I tried doing DGE analysis using NOISeq with no replicates. I got the final results as
Control_mean Treated_mean M D prob ranking Length GC Chrom GeneStart GeneEnd Biotype
ENSG00000000003 1726 1696 0.02529629 30 0.2973327 30.000011 2206 40.40 X 100627109 100639991 protein_coding
ENSG00000000005 1 1 0.00000000 0 0.2493902 0.000000 1205 40.78 X 100584936 100599885 protein_coding
ENSG00000000419 1674 2419 -0.53111124 745 0.7074358 -745.000189 1075 39.85 20 50934867 50958555 protein_coding
ENSG00000000457 232 251 -0.11356256 19 0.3725949 -19.000339 6308 40.14 1 169849631 169894267 protein_coding
ENSG00000000460 420 452 -0.10593344 32 0.3947228 -32.000175 3849 39.22 1 169662007 169854080 protein_coding
ENSG00000000938 2 1 1.00000000 1 0.4415171 1.414214 2637 52.92 1 27612064 27635185 protein_coding
The Ensembl IDs are the row names. The Mean values are the mean counts across replicates (since there are no replicates they remain the same as the original counts). If you look at the M value, which according to the manual is the log2 ratio between the two conditions, it is calculated as log2(control/treated) by NOISeq as opposed to log2(treated/control). I don't know why this is happening because my counts and factor data frames are proper.
The counts are:
Treated_S2 Control_S1
ENSG00000000003 1696 1726
ENSG00000000005 1 1
ENSG00000000419 2419 1674
ENSG00000000457 251 232
ENSG00000000460 452 420
ENSG00000000938 1 2
The factors are:
group
Treated
Control
The command I used to create the NOISeq data object is:
myresults <- noiseq(mydata, factor = "group", k = NULL, norm = "n", pnr = 0.2, nss = 5, v = 0.02, lc = 1, replicates = "no", conditions = c("Treated","Control"))

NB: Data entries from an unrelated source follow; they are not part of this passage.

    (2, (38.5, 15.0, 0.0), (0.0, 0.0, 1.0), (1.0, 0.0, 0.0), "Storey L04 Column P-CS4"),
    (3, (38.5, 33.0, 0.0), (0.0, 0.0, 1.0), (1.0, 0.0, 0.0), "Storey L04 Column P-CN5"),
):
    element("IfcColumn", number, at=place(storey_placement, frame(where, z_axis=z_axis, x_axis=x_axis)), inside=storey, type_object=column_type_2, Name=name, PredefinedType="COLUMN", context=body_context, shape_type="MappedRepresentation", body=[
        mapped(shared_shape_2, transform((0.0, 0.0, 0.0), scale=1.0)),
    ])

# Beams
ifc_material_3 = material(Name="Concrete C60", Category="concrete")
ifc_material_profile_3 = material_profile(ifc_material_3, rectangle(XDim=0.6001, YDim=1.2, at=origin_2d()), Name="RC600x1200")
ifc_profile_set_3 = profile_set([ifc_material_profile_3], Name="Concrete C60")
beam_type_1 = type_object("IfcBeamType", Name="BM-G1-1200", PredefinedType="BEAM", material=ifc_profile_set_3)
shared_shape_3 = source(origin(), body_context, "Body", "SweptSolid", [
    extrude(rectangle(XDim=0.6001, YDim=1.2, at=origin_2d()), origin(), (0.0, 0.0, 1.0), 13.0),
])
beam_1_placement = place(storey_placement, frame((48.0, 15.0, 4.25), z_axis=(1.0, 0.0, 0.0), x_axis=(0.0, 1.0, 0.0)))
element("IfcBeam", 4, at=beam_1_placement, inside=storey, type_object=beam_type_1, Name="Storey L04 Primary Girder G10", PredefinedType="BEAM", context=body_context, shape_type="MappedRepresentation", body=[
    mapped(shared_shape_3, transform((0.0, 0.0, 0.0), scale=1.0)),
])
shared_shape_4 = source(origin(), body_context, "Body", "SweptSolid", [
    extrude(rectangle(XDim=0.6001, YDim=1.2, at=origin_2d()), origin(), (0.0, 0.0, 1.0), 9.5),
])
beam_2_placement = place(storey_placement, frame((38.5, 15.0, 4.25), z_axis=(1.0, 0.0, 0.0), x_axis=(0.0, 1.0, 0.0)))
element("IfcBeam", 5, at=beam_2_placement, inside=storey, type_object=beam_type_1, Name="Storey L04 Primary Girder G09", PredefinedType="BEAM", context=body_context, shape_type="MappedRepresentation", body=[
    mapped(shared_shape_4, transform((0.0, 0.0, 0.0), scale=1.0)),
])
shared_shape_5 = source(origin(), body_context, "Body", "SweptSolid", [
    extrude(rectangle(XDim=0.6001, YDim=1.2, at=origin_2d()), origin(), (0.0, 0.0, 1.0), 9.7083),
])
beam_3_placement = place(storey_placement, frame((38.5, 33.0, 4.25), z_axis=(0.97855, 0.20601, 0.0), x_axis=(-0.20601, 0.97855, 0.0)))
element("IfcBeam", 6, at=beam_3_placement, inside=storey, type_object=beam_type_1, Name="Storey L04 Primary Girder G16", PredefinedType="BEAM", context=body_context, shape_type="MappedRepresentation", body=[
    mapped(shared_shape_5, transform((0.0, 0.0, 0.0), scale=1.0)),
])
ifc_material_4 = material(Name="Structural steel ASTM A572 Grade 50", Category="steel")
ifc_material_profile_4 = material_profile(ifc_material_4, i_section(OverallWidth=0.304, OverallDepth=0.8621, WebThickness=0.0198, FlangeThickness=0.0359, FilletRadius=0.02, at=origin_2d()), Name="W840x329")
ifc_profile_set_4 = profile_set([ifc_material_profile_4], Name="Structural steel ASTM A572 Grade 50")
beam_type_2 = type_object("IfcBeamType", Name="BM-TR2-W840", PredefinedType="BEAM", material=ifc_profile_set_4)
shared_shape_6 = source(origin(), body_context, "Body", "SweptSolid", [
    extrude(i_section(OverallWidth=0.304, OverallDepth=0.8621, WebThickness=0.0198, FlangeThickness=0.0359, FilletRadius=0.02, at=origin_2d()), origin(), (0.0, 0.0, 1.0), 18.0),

Somehow NOISEq swaps the control and treated columns and calculates the fold change accordingly. Can someone tell me what's going on?
Ooh, yes, let me check and let you know how it goes!
Also be careful with the sample names. Double check if the samples names correspond to the group you have assigned.